Querido Dios, eres el mundo al revés. En la advocación “Casa de oro”, lo más importante es lo primero; el oro es secundario, completamente prescindible al hablar de María, la de los ojos grandes, tanto que son capaces de ver hasta el mínimo detalle que tenemos con ella y también nuestra necesidad más pequeña.
Entonces, con ese inmenso y puro corazón suyo, sale corriendo como hizo cuando conoció el embarazo de Isabel, para estar a nuestro lado, para darnos el abrazo que nos reconforta o el consejo siempre sabio de una madre que ha vivido muchísimo más que nosotros y es capaz de traducir la voluntad de Dios en hechos palpables.
Lo más maravilloso de María es que ella es “casa”, el refugio seguro donde nada nos va a pasar. En ella encontramos el cobijo en las horas grises, duras y amargas que a menudo vienen a visitar nuestra vida, pero nunca para quedarse, porque Ella sale presta y rauda con su escoba para barrerlas de en medio y dejar nuestro corazón libre de oscuridades.
María es la casa donde Jesús habitó cuando se encarnó; a ella corría cuando era niño y quería sentirse protegido y querido. María era el hogar de Jesús. A ella regresaría siempre que pudiera y con ella pasaría largos ratos de charla. ¡Cómo me gustaría haber sido testigo de aquel tiempo, cuidadosamente guardado por Dios en la íntima memoria de su criatura favorita, aquella que preparó para que fuese el seno de su Hijo, su protectora, educadora y primera discípula en la tierra.
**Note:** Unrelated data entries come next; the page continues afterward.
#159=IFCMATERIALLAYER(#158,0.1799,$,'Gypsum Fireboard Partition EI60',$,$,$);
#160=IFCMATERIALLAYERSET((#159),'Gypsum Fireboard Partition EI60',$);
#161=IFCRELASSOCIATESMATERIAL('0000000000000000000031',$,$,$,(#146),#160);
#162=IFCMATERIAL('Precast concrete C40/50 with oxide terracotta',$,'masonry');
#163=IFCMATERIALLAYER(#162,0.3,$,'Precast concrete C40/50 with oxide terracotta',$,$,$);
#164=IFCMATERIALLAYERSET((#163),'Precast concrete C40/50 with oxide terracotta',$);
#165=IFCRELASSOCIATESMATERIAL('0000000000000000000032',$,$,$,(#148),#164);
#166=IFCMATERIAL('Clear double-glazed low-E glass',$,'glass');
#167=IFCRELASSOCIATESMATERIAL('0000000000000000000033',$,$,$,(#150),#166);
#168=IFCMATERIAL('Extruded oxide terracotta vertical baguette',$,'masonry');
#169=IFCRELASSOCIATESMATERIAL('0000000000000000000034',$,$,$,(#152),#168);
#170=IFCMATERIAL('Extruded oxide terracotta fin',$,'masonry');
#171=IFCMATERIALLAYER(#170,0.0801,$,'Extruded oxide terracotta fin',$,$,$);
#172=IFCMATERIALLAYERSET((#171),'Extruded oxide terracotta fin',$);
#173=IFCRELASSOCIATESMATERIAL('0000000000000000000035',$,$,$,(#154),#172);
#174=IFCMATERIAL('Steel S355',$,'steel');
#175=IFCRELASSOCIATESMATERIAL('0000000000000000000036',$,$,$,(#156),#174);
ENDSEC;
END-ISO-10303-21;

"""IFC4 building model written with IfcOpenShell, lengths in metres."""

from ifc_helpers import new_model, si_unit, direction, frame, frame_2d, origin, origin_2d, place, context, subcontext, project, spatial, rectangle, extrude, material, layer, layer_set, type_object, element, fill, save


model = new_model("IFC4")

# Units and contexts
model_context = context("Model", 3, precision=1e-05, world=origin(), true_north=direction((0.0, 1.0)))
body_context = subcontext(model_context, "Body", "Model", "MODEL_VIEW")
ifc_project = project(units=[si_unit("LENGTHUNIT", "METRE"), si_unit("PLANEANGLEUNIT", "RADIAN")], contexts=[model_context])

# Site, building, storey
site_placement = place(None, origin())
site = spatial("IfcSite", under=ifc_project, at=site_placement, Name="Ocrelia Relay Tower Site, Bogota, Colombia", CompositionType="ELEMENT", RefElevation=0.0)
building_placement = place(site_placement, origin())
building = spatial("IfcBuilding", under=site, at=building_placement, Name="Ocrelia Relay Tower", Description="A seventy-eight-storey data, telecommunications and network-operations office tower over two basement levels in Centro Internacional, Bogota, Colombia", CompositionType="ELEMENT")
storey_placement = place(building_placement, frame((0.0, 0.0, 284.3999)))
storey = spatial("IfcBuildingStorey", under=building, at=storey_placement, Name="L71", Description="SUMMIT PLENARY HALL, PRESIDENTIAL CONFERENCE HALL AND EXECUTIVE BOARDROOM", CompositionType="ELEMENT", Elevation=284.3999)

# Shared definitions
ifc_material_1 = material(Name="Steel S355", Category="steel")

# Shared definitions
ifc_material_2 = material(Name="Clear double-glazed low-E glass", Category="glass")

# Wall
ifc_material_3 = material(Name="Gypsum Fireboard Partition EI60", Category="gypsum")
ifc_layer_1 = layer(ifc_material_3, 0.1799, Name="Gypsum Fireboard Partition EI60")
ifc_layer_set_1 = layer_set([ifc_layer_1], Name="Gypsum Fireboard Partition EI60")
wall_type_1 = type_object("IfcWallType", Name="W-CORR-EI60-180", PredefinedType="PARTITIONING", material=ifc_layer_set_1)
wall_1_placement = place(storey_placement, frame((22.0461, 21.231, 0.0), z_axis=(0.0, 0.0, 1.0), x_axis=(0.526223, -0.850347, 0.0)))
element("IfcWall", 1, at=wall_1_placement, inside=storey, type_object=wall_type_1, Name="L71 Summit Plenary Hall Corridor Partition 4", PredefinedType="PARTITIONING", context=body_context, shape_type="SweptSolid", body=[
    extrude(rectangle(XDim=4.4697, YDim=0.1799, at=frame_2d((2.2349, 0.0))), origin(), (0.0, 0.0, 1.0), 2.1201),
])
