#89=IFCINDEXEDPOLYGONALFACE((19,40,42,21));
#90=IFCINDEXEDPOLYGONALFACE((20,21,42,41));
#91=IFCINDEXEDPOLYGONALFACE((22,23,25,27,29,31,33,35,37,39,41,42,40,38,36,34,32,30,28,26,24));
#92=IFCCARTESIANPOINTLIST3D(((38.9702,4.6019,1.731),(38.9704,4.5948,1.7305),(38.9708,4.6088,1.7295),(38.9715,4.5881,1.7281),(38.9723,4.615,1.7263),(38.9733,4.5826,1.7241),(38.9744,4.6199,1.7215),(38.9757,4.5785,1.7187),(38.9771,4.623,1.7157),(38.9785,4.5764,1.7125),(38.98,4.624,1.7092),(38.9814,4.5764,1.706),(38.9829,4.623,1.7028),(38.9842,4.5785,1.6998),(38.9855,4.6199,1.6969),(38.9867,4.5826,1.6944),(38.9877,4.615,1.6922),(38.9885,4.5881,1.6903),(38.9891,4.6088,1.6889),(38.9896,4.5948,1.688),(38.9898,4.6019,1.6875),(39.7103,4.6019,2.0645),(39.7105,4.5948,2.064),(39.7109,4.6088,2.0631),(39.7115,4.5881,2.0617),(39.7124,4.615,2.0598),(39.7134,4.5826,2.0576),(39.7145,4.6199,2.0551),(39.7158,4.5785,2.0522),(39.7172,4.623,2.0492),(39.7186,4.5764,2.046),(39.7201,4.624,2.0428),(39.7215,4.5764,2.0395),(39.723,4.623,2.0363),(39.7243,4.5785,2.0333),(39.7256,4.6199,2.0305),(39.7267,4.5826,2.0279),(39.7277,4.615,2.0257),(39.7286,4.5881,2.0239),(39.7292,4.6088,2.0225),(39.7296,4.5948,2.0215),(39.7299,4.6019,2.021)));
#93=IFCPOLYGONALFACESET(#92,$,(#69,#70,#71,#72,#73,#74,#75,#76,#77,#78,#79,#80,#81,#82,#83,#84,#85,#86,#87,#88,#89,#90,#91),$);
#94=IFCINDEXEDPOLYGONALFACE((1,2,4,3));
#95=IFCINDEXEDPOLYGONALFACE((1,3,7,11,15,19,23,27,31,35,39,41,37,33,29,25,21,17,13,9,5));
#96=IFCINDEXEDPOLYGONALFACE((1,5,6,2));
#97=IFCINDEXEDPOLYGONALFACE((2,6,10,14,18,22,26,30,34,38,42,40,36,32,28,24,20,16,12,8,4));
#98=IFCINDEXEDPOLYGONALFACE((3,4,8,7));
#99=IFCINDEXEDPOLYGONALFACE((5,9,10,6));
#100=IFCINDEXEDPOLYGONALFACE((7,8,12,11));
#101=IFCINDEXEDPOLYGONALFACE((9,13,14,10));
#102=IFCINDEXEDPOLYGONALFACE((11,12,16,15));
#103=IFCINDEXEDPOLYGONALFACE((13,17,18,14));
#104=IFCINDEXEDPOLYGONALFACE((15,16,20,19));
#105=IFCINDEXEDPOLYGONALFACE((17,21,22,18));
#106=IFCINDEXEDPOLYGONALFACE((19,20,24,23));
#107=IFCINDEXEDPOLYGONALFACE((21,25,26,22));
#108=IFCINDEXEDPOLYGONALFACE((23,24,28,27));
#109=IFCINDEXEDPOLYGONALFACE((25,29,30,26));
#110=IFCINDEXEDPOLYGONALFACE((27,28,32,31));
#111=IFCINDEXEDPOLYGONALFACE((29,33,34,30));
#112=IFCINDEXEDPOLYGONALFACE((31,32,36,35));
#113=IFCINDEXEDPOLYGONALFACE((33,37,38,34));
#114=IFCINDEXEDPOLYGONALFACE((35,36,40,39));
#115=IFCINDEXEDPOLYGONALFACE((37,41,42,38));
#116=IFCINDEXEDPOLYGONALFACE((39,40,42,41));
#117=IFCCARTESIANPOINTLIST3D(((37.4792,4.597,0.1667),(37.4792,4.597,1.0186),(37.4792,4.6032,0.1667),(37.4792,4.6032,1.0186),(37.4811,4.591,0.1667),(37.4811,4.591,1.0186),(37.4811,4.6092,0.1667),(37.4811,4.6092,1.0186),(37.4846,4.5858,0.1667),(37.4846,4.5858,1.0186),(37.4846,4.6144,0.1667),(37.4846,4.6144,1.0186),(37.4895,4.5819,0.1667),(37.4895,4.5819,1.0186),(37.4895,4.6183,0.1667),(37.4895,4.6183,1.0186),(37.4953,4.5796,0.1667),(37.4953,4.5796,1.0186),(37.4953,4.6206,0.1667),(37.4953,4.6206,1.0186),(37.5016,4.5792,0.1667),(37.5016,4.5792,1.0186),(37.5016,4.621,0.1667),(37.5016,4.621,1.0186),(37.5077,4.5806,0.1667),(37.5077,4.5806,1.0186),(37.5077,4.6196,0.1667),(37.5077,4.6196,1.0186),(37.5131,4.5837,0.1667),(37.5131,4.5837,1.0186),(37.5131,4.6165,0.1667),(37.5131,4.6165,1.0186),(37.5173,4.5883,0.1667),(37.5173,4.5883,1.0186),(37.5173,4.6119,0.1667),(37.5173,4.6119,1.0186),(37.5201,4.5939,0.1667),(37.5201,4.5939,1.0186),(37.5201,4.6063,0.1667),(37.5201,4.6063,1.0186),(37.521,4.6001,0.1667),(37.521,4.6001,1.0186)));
María, la sin pecado, la llena de gracia, la Madre del Amor Hermoso, pues no hay ningún amor comparable al suyo por su Hijo y por nosotros, aquellos hijos que Jesús le dejó en herencia desde la cruz, y que ella aceptó con un nuevo fiat, sin rechistar, sin preguntar, sin decirle a su Hijo: “¡Anda, que el regalito que me dejas!”. Ella es casa del silencio, de la prudencia, del estar sin que se note, aceptando con humildad y grandeza de ánimo todo aquello que Dios le pidió -y estoy segura de que le sigue pidiendo-.
María, callada, sonriendo siempre y abrazada a la voluntad del Señor para con ella, hecha una con aquello que Dios le pide, nos mira con cariño y nos abraza desde el cielo cada vez que levantamos la mirada hacia ella para mostrarle lo bueno que nos ha pasado o lo malamente que nos va en este momento concreto.
Ella siempre está con los brazos abiertos, esperándonos para acogernos en su seno, cubrirnos con su manto y darnos ese beso de buenas noches que todas las madres dan a sus hijos cuando van a dormir.
Gracias, María. Gracias, Madre del Cielo. No nos dejes nunca. Amén.